Published on 11:55 AM, November 25, 2015

KNOT SO TRUE

NO TEARS

When you are a non-resident Bangladeshi living ten thousand miles away from where you were originally born, you are most torn between being yourself and being the one you once signed up for. So, anything worrying happening in Bangladesh triggers an extra nerve pain. You shudder and then call "home". The first phone call that we received post-execution of Salahuddin Quader Chowdhury was from a brother living abroad: "Are you all ok? What about hartals? Reactions? Vandalism? Violence?" It took us a while to calm him and tell him that we were all fine and all was well with the world and that nothing would ever go wrong again, like before and that the whole nation had stood in silence, seeped in memory, watching the news till about 1:00 am of November 20, 2015. Many tweeted, failing the Facebooking option. Many placed regular calls to loved ones in place of Viber and WhatsApp. Many even blogged. I just tweeted and rested. 

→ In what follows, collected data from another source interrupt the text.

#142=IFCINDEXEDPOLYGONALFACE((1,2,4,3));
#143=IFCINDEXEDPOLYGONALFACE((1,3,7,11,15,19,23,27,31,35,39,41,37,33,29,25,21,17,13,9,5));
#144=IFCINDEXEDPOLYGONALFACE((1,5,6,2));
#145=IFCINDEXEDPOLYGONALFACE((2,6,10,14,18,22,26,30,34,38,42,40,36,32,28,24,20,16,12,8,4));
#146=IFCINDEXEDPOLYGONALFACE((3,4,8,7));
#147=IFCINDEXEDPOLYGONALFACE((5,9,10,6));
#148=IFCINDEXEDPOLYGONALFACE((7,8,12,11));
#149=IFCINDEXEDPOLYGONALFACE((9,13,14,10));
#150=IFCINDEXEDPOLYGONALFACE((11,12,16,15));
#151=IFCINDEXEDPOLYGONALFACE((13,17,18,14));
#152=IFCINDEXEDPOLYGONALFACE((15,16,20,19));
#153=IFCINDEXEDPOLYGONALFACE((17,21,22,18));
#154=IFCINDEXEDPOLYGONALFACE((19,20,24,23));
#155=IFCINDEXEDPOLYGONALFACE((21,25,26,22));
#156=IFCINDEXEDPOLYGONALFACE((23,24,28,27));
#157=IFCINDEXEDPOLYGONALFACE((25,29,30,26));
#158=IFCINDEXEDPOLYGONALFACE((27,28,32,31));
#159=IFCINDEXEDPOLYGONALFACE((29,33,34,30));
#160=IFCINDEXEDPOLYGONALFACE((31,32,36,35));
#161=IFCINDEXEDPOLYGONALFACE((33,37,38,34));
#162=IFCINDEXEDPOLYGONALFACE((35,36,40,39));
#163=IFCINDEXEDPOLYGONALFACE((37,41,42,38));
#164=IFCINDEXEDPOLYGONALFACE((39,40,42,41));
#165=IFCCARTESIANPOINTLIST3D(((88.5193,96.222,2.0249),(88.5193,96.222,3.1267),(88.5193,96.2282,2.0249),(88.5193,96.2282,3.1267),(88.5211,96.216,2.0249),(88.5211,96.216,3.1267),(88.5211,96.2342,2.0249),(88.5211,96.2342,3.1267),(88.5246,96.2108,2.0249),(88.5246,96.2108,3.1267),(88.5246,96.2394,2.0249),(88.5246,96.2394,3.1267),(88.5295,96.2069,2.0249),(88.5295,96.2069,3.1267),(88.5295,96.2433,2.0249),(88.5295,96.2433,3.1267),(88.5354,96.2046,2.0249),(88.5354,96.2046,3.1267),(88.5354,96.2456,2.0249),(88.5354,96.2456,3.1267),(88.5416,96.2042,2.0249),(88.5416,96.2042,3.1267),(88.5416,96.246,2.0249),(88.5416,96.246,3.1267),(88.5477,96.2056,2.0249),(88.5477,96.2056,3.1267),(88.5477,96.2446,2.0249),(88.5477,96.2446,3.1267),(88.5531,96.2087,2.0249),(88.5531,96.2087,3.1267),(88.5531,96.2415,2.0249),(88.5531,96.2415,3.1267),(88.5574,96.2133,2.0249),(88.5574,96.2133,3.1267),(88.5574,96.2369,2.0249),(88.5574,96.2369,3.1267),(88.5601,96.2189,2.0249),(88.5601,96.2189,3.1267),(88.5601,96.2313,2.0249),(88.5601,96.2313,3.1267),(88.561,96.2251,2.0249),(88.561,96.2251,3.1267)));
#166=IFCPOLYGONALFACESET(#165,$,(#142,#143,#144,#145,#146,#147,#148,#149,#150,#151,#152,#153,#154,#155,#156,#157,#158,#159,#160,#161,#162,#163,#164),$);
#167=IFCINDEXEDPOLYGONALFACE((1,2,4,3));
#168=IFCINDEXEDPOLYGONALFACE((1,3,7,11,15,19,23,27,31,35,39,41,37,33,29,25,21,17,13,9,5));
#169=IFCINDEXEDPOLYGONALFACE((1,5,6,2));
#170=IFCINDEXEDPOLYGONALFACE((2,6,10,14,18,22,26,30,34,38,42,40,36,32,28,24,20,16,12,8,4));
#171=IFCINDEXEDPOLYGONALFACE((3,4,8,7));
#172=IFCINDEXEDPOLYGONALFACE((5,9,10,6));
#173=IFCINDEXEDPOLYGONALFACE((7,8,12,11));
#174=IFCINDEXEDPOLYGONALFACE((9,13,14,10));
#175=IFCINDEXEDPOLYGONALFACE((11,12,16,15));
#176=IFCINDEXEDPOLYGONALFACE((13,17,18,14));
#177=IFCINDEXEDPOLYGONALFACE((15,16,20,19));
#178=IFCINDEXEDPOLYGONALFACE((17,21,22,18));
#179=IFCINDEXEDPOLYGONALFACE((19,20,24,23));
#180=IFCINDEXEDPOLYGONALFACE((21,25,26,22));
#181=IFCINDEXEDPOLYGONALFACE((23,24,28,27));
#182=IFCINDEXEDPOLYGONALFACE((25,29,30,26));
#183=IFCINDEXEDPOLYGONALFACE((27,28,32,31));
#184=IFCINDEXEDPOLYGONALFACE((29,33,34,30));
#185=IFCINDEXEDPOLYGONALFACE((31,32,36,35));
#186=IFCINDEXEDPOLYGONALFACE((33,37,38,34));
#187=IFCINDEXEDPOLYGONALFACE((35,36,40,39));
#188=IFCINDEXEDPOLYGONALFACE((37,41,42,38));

At around noon on the 22nd, a bright young lady, in response to my tweet, wrote: "Where has all your compassion gone?" To make things even harder for me, she quoted another tweet from an acquaintance that read, "Hate cannot drive love." I stopped for a minute and wondered if I should explain to the young lady that I had lived through 1971 as a young kid and had watched friends, brothers, fathers, cousins leave for war never to return. On November 20, 2015, at a lunch, amongst friends, Shimul Yusuf, the actor, breathed heavily and said, "Yesterday was a long night for me. I was awake the whole time." When asked, she pointed to her sister (wife of late Altaf Mahmud) and said, "We are waiting." Needless to say, that many like Shimul, Nasiruddin Yusuf Bacchu and their sister, have waited a long time for the 22nd to happen. For many like them, it was the longest wait ever.

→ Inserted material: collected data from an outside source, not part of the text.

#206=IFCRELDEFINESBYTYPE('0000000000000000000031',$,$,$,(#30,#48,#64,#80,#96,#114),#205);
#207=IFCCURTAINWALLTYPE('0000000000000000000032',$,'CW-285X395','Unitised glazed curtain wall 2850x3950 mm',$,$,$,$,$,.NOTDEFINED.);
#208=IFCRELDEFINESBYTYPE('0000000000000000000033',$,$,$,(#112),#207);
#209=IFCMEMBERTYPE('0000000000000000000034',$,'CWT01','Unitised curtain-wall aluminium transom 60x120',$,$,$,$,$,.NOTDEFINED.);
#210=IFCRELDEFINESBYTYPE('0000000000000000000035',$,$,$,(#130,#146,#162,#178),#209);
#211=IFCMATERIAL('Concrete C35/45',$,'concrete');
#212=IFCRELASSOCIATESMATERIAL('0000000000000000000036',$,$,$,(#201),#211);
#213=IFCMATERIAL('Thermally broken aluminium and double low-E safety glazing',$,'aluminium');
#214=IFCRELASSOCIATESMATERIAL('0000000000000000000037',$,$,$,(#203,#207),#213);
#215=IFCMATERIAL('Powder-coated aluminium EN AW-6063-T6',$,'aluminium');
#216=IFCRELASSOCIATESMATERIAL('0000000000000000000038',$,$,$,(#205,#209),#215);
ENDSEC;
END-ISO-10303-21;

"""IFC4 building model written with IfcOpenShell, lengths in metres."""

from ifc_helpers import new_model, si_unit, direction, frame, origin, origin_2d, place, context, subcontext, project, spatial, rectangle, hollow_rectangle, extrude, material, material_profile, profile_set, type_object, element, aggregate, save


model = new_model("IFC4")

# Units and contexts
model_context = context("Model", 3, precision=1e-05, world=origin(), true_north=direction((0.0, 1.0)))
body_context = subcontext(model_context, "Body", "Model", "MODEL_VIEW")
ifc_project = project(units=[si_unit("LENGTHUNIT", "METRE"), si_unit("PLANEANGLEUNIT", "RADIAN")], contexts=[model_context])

For the brother who had called from abroad, instead of explaining the local situation, I ended up expressing my sympathies to him about the multiple trips he would have to make in the next couple of months from New York to various cities in Europe. Securities in those cities were super heightened and opening and reopening bags, belts, laptop cases, iPads, and jackets were serious hassles. Carrying a Muslim name lately has been raising alarms for many of them leading some to even slightly alter their names to anglicised tangents. The terrorists have just made life difficult for Muslims instead of making their point. 

For the brilliant young woman who ended up questioning me on my compassion, I ended up sharing with her that I had no regrets, no remorse of having written: "Done, SQC. Done, Mujahid." I ended up sharing with her that the portrait of Rumi, hanging in the living room of late Jahanara Imam, at her Elephant Road residence opposite the Aero plane Mosque, with a quote from Jibananda Das, "Abar Ashibo phirey ei Banglay" (I will return to Bengal again) haunts me till date. As much as I currently appreciate these young people not carrying any burden of the history of blood, and for moving on as fast as they can, for their own lives and livelihood, I, for one, cannot betray the emotion of a seven-year-old, who watched war from the lens of a full grown adult, changing three houses in nine months, and living on potatoes and toast biscuits.

For Shimul Yusuf, silently I only had memories to share. I had ridden on her husband, Bacchu bhai's shoulder, wearing a black and white dotted frock, singing: "Moder gorob, moder asha, amori bangla bhasha." (Our pride and hope, Bangla language will live forever). For the rest present in the lunch, including Minu Billah, a freedom fighter herself, I had the same old feeling, in unison, charting all their hopes and history through the execution of the verdicts. 

The same night, a private television channel was quick to air a few bytes from SQ Chowdhury where he had said: "I am proud to be the son of Fazlul Quader Chowdhury and yes, he did not believe in the independence of Bangladesh." That byte was, perhaps, the last reminding nail in the coffin for many of us. That one could deny Bangladesh, defy 1971 and still be a minister in the free soil of this country, and that collaborators, killers, conspirators, from time to time, have taken turns and have all ridden in high might, hoisted our national flag in their cars and have enjoyed heights in this land of ours, stand as a mark of shame that we ourselves have to bear and remedy.

So, to our children, the message stands clear. Memories are to be passed on to you. What we have seen and gone through must not trouble you but they must all become a part of you. Whether you question the trial, the proceedings, or the witnesses is for you to judge, but it is also upon us to share with you tales of our nights of watching shells killing our neighbours, of our homes turning into ashes, just because ugly birds flying up in the skies had decided to kill us all. Since there cannot be any refuge from memory, live partly through us and decide whether it is ever worth siding with those who have today surfaced as post-modern apologists for brutality.


The writer is Managing Director, Mohammadi Group.